Using heuristics, beam search, etc, = "not brute force".
Calling something smart "brute force" is wrong.
There's already a number of papers demonstrating use of LLMs for math in general:
"Autoformalization with Large Language Models" https://arxiv.org/abs/2205.12615
"Large language models can write informal proofs, translate them into formal ones, and achieve SoTA performance in proving competition-level maths problems!" https://twitter.com/AlbertQJiang/status/1584877475502301184
"Magnushammer: A Transformer-based Approach to Premise Selection" https://twitter.com/arankomatsuzaki/status/16336564683345879...
I find it rather sad that the reaction to amazing research is "but it's just..." and "it might not work on ...". Like, maybe appreciate it a bit and consider a possibility that something similar to it might work?
AlphaGeometry works, in simplified terms, in two stages:
1. Heuristically add a candidate construction using an NN (a transformer)
2. Brute force search through all possible deductions from the current set of constructions using a symbolic solver
If you don't find a solution after step 2, repeat.

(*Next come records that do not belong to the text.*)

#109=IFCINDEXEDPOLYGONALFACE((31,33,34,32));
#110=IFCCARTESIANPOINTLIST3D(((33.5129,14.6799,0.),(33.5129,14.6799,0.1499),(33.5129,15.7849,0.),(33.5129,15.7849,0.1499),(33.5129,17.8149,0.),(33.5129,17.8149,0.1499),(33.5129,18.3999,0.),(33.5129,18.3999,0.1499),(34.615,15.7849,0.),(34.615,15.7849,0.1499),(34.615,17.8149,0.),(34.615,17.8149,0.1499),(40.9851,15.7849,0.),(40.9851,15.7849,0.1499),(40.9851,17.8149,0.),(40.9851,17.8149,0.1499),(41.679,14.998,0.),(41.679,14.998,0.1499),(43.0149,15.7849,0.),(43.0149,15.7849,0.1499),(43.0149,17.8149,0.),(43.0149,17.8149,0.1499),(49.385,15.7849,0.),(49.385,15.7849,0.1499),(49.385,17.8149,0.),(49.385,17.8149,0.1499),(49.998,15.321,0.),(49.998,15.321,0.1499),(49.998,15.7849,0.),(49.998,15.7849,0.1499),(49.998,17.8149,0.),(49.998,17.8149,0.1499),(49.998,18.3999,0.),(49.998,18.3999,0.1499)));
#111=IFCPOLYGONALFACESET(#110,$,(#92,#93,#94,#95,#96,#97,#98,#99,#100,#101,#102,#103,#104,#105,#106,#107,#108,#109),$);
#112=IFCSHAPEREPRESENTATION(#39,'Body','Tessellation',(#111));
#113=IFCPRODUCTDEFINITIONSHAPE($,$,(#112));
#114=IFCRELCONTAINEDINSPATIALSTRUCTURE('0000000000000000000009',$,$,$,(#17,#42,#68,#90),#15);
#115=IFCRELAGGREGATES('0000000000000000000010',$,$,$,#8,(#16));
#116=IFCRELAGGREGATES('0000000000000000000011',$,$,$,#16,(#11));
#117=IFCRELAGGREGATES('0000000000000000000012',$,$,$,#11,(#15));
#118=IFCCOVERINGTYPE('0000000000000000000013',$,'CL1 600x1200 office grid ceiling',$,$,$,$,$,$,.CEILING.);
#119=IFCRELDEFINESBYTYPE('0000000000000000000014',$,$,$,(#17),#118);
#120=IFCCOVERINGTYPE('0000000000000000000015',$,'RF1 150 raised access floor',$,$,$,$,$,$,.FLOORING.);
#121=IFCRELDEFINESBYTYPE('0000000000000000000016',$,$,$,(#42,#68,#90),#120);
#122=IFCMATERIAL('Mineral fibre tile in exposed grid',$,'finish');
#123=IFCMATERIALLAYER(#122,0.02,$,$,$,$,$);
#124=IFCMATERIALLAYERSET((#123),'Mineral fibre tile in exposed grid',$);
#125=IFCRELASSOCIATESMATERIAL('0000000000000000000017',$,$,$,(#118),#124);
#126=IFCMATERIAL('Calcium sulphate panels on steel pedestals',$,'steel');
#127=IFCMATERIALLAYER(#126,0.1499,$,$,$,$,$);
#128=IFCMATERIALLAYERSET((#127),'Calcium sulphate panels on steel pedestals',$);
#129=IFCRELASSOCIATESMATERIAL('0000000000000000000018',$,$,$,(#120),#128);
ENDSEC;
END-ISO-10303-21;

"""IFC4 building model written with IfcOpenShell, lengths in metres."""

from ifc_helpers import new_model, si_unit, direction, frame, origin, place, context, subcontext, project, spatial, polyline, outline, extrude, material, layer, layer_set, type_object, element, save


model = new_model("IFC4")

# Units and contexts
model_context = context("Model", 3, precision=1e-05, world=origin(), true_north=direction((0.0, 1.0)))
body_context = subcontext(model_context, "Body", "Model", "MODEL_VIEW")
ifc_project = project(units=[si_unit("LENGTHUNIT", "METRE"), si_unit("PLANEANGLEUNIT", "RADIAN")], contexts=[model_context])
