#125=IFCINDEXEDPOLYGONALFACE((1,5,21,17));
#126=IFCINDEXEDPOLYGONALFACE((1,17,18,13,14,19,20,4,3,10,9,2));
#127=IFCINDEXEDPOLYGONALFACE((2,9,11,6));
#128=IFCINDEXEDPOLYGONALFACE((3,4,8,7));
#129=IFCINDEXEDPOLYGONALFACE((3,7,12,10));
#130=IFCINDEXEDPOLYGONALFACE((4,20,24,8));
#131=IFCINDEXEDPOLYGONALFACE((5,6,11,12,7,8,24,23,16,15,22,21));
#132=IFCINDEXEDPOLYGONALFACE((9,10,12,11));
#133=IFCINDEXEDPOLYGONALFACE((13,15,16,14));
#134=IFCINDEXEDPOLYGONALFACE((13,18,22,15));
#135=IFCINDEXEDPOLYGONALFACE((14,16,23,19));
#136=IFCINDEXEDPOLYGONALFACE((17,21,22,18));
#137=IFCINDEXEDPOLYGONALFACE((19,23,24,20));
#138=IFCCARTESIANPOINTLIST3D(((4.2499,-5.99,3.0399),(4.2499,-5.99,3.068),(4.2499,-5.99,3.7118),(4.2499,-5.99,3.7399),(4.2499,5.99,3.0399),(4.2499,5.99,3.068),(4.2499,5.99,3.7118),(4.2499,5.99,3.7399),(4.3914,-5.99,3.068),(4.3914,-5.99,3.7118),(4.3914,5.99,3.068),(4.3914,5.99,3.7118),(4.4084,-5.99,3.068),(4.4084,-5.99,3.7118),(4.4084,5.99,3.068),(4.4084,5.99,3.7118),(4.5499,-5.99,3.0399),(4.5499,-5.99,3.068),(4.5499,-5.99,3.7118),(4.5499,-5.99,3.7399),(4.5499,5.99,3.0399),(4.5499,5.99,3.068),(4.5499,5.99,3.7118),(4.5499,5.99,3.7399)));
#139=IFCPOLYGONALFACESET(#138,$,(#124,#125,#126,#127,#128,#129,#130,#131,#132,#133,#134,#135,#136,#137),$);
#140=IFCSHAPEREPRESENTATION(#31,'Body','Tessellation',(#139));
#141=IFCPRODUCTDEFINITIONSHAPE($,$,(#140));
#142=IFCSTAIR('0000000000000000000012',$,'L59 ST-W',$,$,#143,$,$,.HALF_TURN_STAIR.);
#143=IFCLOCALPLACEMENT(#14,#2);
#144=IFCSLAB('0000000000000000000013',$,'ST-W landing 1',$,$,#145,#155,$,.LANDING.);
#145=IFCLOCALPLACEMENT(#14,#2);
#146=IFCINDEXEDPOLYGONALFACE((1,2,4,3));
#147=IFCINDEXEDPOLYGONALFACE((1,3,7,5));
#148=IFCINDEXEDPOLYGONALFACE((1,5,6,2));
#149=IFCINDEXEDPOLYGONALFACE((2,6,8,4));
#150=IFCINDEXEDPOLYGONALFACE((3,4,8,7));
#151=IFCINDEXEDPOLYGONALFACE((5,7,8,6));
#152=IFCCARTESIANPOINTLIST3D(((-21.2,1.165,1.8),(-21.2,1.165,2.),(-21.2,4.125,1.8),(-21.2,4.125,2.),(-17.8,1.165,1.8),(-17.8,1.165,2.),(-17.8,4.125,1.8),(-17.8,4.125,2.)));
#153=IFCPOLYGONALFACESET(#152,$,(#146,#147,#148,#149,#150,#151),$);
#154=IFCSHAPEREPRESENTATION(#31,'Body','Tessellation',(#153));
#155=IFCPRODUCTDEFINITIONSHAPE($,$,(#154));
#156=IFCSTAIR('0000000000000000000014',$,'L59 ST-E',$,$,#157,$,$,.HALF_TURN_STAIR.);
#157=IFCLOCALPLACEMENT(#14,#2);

There may be some backtracking involved to try a different set of constructions as well.
This approach only works because, in geometry, the set of possible deductions from a given construction is actually quite small.
Also, note that this approach overall is essentially an optimization, not amazing new capabilities. Replacing step 1 with a random construction still solves 10 problems on average in the given time, compared to 30 with the new approach. The existing algorithm, relying mostly on brute force search, is probably able to solve all of the geometry problems if given, say, 10 times as much time as the olympiad students (so not some absurd amount of time).
The search space here is not so large. Read this paper, a key part of the present work: https://doi.org/10.1023/A:1006171315513
You mean like a calculator?
A calculator that can solve any problem human could, and more? Sure.
how did you edit your comment after it got visible to others?
You can edit a comment for about an hour if I remember correctly, regardless of it being visible. You can't delete it after someone responds to it though.
I don't think this is quite right. The brute force search is performed by a symbolic solver, not the transformer. When it runs out of new deductions, the transformer is asked to suggest possible extra constructions (not randomly added).
Thanks for the correction, it looks like you're right.
That's exactly how I was taught geometry in school and I hated it with my all guts. Only after making it into the math department of the university I learned to do it properly and to enjoy it.